The heart, centrally located in the chest, is highly responsive to the membranes/organs that stimulate blood/oxygen circulation throughout the body as well as the lungs which are highly vulnerable to defacement from environment such as smoke, airborne particles or pollution which can result in physical impartments. The mental/emotional impairments are vulnerable to the ups and downs of life’s constantly changing conditions such as emotional situations that affect breathing/mental cognition and result in perceived or unperceived mental/physical/emotional stress that affect the flow of blood through “the healing breath.”
A habitual yoga practice that stimulates deep breathing twisting, moving, lengthening the body, relieves mental/physical/emotional tension like an incoming and outflowing tide. Thus, when poses such as bridge or backbends are practiced with a rhythmic and dynamic respiratory flow, tissues/muscles are lengthened and freeing the “life breath.” Exhalations expand the lungs to release toxins. Yoga poses such as bridge pose, position the chest in a high lift with deep slow breathing to release the storage of toxic chemicals.
Today’s, emphasis is on freeing the flow of fresh oxygenated flood throughout the body by bending/lengthening. You can begin a Bridge Pose from any position such as a yoga squat kneeling with legs moving apart and body lowering slowly to lie flat on the back. Or, you can begin Bridge Pose, lying flat on an open mat with chin to the chest. The pose is initiated by separating the legs with bent knees over the heels. As you plant the knees, pull the arms with clasped hands underneath the hips and lift the upper body with arms folded. To expand the chest, lift the upper body as you deeply inhale and round the chin to rest on the chest as you lift up the core as high as you can. In this position, deeply inhale/exhale with long breaths through the nose.

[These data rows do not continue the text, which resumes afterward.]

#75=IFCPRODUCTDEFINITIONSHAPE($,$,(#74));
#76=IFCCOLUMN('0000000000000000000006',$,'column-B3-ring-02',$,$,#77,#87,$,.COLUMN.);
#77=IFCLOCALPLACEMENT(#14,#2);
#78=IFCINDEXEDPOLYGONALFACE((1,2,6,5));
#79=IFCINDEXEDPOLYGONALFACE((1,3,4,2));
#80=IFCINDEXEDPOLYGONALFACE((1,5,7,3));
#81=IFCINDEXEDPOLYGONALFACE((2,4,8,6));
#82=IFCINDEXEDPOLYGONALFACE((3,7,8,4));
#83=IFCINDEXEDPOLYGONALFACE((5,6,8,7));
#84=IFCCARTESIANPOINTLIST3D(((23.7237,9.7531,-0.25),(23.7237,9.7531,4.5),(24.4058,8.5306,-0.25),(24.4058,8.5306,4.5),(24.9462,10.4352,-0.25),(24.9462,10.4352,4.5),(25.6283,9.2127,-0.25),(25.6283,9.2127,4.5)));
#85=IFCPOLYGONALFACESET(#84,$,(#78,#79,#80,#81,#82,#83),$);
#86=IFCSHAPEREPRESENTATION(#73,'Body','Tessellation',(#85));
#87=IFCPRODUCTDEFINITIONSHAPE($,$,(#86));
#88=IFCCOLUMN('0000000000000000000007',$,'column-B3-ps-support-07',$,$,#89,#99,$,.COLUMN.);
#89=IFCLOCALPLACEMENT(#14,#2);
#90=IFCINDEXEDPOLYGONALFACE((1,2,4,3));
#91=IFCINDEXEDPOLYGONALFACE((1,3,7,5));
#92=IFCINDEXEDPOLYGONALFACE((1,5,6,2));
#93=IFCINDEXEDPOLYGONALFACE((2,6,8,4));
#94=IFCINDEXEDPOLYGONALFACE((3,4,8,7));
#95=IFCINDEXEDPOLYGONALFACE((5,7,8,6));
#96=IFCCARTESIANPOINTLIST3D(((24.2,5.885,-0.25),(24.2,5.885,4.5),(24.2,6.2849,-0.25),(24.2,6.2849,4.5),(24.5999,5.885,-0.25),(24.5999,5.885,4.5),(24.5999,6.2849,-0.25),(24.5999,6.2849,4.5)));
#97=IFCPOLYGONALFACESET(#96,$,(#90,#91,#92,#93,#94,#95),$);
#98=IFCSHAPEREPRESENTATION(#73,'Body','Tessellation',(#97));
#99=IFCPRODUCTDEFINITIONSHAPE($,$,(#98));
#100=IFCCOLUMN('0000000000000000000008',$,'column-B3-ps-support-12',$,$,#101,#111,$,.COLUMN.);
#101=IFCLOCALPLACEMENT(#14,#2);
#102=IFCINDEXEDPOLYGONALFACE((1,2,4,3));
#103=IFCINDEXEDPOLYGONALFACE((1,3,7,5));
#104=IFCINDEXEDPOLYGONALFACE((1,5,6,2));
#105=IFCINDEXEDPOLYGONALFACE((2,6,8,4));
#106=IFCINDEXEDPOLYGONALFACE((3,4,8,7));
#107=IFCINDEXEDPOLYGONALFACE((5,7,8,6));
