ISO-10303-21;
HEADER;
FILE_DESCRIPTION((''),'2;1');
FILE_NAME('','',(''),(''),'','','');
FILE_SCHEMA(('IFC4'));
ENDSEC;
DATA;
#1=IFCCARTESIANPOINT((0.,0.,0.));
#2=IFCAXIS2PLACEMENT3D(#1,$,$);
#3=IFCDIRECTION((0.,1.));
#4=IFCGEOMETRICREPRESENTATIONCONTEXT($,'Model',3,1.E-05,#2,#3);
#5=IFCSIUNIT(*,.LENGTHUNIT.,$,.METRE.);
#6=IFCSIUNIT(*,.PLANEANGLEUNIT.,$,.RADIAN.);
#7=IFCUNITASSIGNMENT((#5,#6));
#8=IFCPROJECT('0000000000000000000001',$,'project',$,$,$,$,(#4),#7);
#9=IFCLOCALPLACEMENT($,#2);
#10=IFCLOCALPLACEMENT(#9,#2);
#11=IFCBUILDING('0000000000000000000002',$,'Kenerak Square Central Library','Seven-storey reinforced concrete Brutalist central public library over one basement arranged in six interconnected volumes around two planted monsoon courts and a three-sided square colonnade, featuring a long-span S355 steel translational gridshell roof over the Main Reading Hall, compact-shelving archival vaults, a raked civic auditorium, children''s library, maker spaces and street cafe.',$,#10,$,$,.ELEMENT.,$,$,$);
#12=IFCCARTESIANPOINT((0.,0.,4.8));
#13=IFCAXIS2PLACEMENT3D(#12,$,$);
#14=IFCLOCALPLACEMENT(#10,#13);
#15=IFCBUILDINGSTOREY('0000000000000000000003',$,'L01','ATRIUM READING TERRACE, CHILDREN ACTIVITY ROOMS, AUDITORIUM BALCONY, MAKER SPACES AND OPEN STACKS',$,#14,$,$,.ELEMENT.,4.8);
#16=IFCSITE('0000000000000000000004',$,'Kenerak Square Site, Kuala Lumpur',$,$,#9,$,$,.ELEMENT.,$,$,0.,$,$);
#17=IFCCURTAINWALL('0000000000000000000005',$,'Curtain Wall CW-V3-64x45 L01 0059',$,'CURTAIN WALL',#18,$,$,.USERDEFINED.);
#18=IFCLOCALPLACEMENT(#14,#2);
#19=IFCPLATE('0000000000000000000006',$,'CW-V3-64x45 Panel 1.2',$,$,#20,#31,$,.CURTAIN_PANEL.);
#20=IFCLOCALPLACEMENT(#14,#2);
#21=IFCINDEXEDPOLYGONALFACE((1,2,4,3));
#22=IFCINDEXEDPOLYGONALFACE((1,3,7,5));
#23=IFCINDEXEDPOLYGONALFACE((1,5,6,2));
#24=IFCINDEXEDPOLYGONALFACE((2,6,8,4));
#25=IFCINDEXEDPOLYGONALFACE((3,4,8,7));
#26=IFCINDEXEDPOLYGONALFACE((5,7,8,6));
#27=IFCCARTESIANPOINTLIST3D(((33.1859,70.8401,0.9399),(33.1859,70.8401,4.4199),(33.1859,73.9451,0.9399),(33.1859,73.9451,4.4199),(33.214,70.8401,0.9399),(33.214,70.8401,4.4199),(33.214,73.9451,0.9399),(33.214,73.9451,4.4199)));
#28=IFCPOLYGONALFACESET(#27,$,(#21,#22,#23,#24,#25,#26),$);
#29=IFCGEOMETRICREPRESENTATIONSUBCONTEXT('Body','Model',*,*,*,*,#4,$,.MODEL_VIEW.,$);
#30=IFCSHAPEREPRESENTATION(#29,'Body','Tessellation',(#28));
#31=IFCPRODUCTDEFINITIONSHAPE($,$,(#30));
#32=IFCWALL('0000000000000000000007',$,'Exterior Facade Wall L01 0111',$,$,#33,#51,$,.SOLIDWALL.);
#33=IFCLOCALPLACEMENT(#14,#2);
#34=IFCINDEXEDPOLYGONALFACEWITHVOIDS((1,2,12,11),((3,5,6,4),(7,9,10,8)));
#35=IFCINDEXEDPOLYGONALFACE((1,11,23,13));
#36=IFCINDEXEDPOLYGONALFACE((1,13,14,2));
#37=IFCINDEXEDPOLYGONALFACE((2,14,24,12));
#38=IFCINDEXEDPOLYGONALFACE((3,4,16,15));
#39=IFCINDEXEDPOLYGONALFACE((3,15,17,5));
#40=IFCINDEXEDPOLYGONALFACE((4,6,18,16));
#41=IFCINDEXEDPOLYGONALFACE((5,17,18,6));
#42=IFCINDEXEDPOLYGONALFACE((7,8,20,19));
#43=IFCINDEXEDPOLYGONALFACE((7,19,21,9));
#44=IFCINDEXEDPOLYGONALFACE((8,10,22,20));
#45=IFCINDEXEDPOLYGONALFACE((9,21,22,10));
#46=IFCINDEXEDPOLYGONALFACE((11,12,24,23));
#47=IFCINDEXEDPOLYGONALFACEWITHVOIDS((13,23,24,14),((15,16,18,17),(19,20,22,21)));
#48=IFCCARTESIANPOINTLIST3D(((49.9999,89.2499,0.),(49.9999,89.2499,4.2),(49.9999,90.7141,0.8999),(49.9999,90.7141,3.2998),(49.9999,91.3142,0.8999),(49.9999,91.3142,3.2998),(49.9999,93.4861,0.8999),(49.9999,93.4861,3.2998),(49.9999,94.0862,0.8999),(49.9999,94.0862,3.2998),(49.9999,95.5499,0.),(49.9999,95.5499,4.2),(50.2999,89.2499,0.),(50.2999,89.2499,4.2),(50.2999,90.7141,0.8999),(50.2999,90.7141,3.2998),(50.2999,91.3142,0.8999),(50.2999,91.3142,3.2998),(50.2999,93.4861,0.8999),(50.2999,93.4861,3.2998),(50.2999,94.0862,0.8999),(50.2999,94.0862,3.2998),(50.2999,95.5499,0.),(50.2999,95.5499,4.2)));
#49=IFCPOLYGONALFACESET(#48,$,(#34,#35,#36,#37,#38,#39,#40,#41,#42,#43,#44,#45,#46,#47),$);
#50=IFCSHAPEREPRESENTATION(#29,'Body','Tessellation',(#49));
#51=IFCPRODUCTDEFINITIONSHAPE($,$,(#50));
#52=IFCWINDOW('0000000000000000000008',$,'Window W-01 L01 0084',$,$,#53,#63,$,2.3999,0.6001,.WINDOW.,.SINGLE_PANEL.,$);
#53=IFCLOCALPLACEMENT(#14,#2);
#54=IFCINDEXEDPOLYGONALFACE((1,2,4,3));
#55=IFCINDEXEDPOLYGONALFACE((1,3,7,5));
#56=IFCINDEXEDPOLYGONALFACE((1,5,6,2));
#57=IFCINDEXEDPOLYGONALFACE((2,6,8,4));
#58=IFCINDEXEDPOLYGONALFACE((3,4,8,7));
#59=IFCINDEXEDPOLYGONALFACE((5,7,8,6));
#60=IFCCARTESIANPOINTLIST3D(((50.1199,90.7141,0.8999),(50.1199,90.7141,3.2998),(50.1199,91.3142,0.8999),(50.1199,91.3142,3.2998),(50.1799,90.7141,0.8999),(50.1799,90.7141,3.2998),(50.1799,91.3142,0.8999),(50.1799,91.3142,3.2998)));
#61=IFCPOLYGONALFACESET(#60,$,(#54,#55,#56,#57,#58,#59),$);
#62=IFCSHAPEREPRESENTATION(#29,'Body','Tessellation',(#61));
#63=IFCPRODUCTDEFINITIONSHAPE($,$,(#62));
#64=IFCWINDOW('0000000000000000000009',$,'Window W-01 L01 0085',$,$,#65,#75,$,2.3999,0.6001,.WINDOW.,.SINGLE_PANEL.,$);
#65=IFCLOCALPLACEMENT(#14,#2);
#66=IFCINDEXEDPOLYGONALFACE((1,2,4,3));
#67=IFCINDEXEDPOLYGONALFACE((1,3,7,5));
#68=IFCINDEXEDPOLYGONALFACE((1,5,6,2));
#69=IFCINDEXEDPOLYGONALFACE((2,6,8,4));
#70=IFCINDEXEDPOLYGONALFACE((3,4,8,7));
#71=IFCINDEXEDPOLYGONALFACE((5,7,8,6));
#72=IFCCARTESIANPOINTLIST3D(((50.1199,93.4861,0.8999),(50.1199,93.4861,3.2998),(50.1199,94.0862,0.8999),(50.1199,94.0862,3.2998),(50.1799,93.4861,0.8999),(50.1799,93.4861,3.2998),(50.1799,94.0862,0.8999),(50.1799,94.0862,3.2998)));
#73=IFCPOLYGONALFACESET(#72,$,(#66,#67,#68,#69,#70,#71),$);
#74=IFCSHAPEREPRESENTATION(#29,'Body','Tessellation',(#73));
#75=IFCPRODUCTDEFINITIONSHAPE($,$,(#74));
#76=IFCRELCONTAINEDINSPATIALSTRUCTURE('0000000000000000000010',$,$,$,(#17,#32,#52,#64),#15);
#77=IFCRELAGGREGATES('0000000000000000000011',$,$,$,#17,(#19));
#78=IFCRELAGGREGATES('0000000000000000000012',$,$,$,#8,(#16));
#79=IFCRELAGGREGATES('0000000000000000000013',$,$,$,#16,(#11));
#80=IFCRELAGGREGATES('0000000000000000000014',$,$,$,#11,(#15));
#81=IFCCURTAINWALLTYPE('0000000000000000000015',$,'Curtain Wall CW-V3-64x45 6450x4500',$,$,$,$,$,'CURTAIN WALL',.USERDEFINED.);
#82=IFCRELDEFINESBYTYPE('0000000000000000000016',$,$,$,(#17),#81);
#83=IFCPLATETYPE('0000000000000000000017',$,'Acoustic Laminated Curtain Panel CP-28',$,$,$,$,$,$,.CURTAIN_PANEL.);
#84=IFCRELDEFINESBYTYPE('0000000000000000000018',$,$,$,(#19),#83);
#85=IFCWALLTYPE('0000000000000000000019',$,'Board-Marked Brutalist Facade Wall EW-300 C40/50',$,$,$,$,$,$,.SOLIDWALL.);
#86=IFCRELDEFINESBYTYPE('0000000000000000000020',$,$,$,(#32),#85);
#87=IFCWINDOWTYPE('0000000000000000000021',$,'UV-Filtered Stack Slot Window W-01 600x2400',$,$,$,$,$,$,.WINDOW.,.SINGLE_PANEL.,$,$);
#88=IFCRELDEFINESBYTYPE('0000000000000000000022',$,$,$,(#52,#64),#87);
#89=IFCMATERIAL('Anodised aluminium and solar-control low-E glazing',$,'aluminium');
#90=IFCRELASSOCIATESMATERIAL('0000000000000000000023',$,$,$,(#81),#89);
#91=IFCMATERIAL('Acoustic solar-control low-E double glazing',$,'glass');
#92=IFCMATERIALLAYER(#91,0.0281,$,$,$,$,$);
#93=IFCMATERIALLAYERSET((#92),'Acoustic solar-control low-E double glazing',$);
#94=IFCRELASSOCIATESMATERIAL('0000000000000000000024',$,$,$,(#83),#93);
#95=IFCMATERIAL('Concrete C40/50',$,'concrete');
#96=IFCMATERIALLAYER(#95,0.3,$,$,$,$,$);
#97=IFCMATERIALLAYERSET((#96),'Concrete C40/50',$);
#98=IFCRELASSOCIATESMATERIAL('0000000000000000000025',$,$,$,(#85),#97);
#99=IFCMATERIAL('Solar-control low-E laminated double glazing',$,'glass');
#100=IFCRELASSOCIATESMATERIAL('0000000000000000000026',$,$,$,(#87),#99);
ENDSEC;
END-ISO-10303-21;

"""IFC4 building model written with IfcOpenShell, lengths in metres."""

from ifc_helpers import new_model, si_unit, direction, frame, frame_2d, origin, origin_2d, place, context, subcontext, project, spatial, rectangle, extrude, material, layer, layer_set, type_object, element, fill, aggregate, save


model = new_model("IFC4")

# Units and contexts
model_context = context("Model", 3, precision=1e-05, world=origin(), true_north=direction((0.0, 1.0)))
body_context = subcontext(model_context, "Body", "Model", "MODEL_VIEW")
ifc_project = project(units=[si_unit("LENGTHUNIT", "METRE"), si_unit("PLANEANGLEUNIT", "RADIAN")], contexts=[model_context])

# Site, building, storey
site_placement = place(None, origin())
site = spatial("IfcSite", under=ifc_project, at=site_placement, Name="Kenerak Square Site, Kuala Lumpur", CompositionType="ELEMENT", RefElevation=0.0)
building_placement = place(site_placement, origin())
building = spatial("IfcBuilding", under=site, at=building_placement, Name="Kenerak Square Central Library", Description="Seven-storey reinforced concrete Brutalist central public library over one basement arranged in six interconnected volumes around two planted monsoon courts and a three-sided square colonnade, featuring a long-span S355 steel translational gridshell roof over the Main Reading Hall, compact-shelving archival vaults, a raked civic auditorium, children's library, maker spaces and street cafe.", CompositionType="ELEMENT")
storey_placement = place(building_placement, frame((0.0, 0.0, 4.8)))
storey = spatial("IfcBuildingStorey", under=building, at=storey_placement, Name="L01", Description="ATRIUM READING TERRACE, CHILDREN ACTIVITY ROOMS, AUDITORIUM BALCONY, MAKER SPACES AND OPEN STACKS", CompositionType="ELEMENT", Elevation=4.8)

# Shared definitions
ifc_material_1 = material(Name="Concrete C40/50", Category="concrete")

# Curtain wall, plate
ifc_material_2 = material(Name="Anodised aluminium and solar-control low-E glazing", Category="aluminium")
curtain_wall_type = type_object("IfcCurtainWallType", Name="Curtain Wall CW-V3-64x45 6450x4500", ElementType="CURTAIN WALL", PredefinedType="USERDEFINED", material=ifc_material_2)
curtain_wall_placement = place(storey_placement, origin())
curtain_wall = element("IfcCurtainWall", 1, at=curtain_wall_placement, inside=storey, type_object=curtain_wall_type, Name="Curtain Wall CW-V3-64x45 L01 0059", ObjectType="CURTAIN WALL", PredefinedType="USERDEFINED")
ifc_material_3 = material(Name="Acoustic solar-control low-E double glazing", Category="glass")
ifc_layer_1 = layer(ifc_material_3, 0.0281)
ifc_layer_set_1 = layer_set([ifc_layer_1], Name="Acoustic solar-control low-E double glazing")
plate_type = type_object("IfcPlateType", Name="Acoustic Laminated Curtain Panel CP-28", PredefinedType="CURTAIN_PANEL", material=ifc_layer_set_1)
plate_1_placement = place(storey_placement, frame((33.2, 72.3926, 0.9399), z_axis=(0.0, 0.0, 1.0), x_axis=(0.0, -1.0, 0.0)))
plate_1 = element("IfcPlate", 2, at=plate_1_placement, type_object=plate_type, Name="CW-V3-64x45 Panel 1.2", PredefinedType="CURTAIN_PANEL", context=body_context, shape_type="SweptSolid", body=[
    extrude(rectangle(XDim=3.105, YDim=0.0281, at=origin_2d()), origin(), (0.0, 0.0, 1.0), 3.48),
])
aggregate(curtain_wall, [plate_1])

When the mind is free of tension as much as possible, the body begins to relax. Mental energy spun into a tight ball unravels. This posture is wonderful to initiate before retiring. It is good to find a quiet room, lower the lights with a scent of fragrance from incense or an aroma oil. Close the eyes and begin to let go into Shivasana, (“Corpse Pose” lying outstretched on the mat with legs and arms extended by the sides with eyes gently closed). When the mind is empty of all thoughts, expand the chest as you breathe deeply and exhale fully. Stay in this position for as long as you can, then slowly initiate Bridge Pose. You will notice that the pose becomes easier as the body lets go.